= Roger Aguilar Salazar =

Mexican politician

Roger Hervé Aguilar Salazar (September 12, 1938 – September 5, 2018) was a Mexican teacher, politician and 2018 Deputy-elect to the national Chamber of Deputies from the Third Federal Electoral District of Yucatán, based in Mérida. A member of the National Regeneration Movement (MORENA) party of President-elect Andrés Manuel López Obrador, Aguilar was elected to the Chamber of Deputies from Yucatán in the 2018 general election on July 1, 2018. However, just months later, Aguilar died from cerebral hemorrhage on September 5, 2018, before taking office. Aguilar was the first left-wing politician to gain a seat in Chamber of Deputies through a majority vote in Yucatán state history.

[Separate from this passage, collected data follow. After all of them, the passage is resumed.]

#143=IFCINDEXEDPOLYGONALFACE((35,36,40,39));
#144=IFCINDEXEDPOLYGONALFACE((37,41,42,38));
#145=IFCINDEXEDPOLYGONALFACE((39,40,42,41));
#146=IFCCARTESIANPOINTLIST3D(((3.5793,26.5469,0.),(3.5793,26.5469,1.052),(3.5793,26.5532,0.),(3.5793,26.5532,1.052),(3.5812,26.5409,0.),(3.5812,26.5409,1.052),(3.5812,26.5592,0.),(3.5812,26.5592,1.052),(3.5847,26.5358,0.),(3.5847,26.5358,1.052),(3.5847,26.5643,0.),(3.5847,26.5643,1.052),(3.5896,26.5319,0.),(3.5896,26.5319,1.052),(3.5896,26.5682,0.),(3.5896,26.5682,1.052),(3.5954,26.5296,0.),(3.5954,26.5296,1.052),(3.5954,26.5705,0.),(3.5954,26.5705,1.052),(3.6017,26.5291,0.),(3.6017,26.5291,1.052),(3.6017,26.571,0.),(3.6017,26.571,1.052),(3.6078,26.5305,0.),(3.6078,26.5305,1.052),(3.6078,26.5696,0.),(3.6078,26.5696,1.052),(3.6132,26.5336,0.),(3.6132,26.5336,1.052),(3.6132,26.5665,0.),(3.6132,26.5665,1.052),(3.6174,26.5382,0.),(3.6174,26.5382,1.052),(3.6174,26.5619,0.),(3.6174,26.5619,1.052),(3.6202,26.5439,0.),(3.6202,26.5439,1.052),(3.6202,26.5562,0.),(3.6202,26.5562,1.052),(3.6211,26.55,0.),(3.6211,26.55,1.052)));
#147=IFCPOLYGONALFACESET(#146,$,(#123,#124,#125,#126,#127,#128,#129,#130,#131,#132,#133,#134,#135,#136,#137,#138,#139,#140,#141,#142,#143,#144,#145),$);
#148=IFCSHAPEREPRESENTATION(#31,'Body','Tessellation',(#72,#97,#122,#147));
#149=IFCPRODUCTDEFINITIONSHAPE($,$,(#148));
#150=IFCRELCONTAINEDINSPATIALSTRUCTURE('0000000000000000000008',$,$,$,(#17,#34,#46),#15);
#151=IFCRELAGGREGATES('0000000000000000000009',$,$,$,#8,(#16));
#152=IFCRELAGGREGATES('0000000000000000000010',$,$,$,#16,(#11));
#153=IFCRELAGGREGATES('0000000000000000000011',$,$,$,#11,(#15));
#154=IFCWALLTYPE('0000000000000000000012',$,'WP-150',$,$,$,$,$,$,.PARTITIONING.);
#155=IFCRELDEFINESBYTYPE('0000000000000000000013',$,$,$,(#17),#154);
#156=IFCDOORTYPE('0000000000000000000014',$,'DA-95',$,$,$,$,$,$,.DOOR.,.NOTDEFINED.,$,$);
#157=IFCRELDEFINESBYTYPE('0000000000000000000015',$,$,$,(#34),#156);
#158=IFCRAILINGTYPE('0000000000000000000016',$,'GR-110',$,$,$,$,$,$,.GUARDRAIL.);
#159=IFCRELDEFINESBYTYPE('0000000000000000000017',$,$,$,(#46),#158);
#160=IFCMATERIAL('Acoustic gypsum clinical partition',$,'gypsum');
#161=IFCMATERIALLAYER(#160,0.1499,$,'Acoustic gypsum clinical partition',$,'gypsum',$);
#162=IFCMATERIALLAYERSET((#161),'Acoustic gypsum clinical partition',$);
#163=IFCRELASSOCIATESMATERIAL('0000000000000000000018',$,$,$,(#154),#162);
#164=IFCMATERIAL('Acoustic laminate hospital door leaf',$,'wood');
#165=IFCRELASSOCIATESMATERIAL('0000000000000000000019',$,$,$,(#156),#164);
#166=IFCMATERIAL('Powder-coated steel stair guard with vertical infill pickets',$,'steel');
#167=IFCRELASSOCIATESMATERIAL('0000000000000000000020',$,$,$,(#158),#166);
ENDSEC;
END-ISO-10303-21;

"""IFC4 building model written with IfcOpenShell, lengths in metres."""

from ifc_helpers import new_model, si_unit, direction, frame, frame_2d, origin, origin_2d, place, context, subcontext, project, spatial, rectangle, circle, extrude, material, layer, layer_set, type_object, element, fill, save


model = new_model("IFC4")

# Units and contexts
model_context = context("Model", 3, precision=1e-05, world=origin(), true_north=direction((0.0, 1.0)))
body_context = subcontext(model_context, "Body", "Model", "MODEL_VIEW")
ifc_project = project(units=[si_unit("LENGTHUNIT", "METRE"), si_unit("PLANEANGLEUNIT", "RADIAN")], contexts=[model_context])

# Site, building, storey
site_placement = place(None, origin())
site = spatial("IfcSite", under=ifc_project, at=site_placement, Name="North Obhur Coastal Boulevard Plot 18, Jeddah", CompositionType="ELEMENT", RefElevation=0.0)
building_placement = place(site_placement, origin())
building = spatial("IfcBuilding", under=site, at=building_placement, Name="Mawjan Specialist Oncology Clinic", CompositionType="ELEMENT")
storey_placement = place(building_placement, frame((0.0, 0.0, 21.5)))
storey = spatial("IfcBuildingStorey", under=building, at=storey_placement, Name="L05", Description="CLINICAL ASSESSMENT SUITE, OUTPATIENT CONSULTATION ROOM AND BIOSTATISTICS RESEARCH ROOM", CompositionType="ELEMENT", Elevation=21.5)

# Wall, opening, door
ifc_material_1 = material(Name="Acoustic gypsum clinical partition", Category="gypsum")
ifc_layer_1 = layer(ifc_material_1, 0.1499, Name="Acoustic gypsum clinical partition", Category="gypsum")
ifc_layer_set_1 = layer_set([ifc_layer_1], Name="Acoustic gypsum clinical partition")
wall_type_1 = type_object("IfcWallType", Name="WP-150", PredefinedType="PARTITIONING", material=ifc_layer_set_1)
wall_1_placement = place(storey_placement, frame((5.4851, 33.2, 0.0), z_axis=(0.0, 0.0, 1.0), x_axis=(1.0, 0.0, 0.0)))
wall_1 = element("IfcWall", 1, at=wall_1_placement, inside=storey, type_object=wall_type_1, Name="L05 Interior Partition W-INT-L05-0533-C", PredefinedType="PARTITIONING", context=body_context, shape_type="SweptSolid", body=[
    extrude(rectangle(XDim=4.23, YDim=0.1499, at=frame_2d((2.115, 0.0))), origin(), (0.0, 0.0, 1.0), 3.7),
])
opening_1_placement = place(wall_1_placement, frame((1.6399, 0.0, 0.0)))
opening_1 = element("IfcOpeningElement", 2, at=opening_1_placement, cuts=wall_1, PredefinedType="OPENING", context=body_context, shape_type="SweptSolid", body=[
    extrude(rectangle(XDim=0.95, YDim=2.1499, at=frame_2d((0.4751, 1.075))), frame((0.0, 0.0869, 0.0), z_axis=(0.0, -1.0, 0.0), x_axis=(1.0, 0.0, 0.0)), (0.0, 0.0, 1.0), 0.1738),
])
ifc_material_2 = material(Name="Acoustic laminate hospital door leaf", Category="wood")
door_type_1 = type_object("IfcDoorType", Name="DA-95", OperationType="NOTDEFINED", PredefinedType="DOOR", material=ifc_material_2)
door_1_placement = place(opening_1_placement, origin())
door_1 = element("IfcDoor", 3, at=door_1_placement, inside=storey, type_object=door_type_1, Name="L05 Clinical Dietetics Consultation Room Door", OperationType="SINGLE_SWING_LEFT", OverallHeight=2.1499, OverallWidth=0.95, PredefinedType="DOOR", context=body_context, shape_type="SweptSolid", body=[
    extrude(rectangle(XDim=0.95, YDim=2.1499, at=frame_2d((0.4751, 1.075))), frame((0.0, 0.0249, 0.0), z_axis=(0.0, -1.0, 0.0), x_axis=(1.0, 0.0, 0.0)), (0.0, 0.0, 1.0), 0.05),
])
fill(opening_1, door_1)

Salazar was born in Mérida on September 12, 1938. He attend the Escuela Normal de San Diego, a rural school in Tekax, Yucatán, and the Escuela Superior de la Metrópoli, where he studied mathematics. He worked as a teacher and taught math at the Yaxkabá primary school in Xocchel Municipality.

In 1969, he led protests against the government of Mexican President Gustavo Díaz Ordaz.

In 2018, Aguilar announced his candidacy for Chamber of Deputies for the Third Federal Electoral District of Yucatán as a member of the MORENA party of presidential candidate Andrés Manuel López Obrador. The general election was held on July 1, 2018. Aguilar's opponent, Cecilia Patrón Laviada of the National Action Party (PAN) was initially declared the winner of the seat. However, Aguilar appealed the results to the Federal Electoral Tribunal. A federal judge agreed to Aguilar's appeal and ordered a recount. After the recount, a judge ruled in favor of Aguilar and ruled him to be the winner of the seat.

Aguilar, however, would never be sworn in due to his deteriorating health. He died from a cerebral hemorrhage, a complication of multi-year illness with leukemia, at the Hospital Regional de Alta Especialidad de la Península de Yucatán in Mérida, Yucatán, at the age of 79. He was survived by his wife, Mirna Buenfil Valencia, and two children, Tania Violeta Nadia Alina and Fidel Efraín. Limbert Iván de Jesús Interian Gallegos, his elected alternate, took his seat in the Chamber of Deputies and was sworn in on September 13.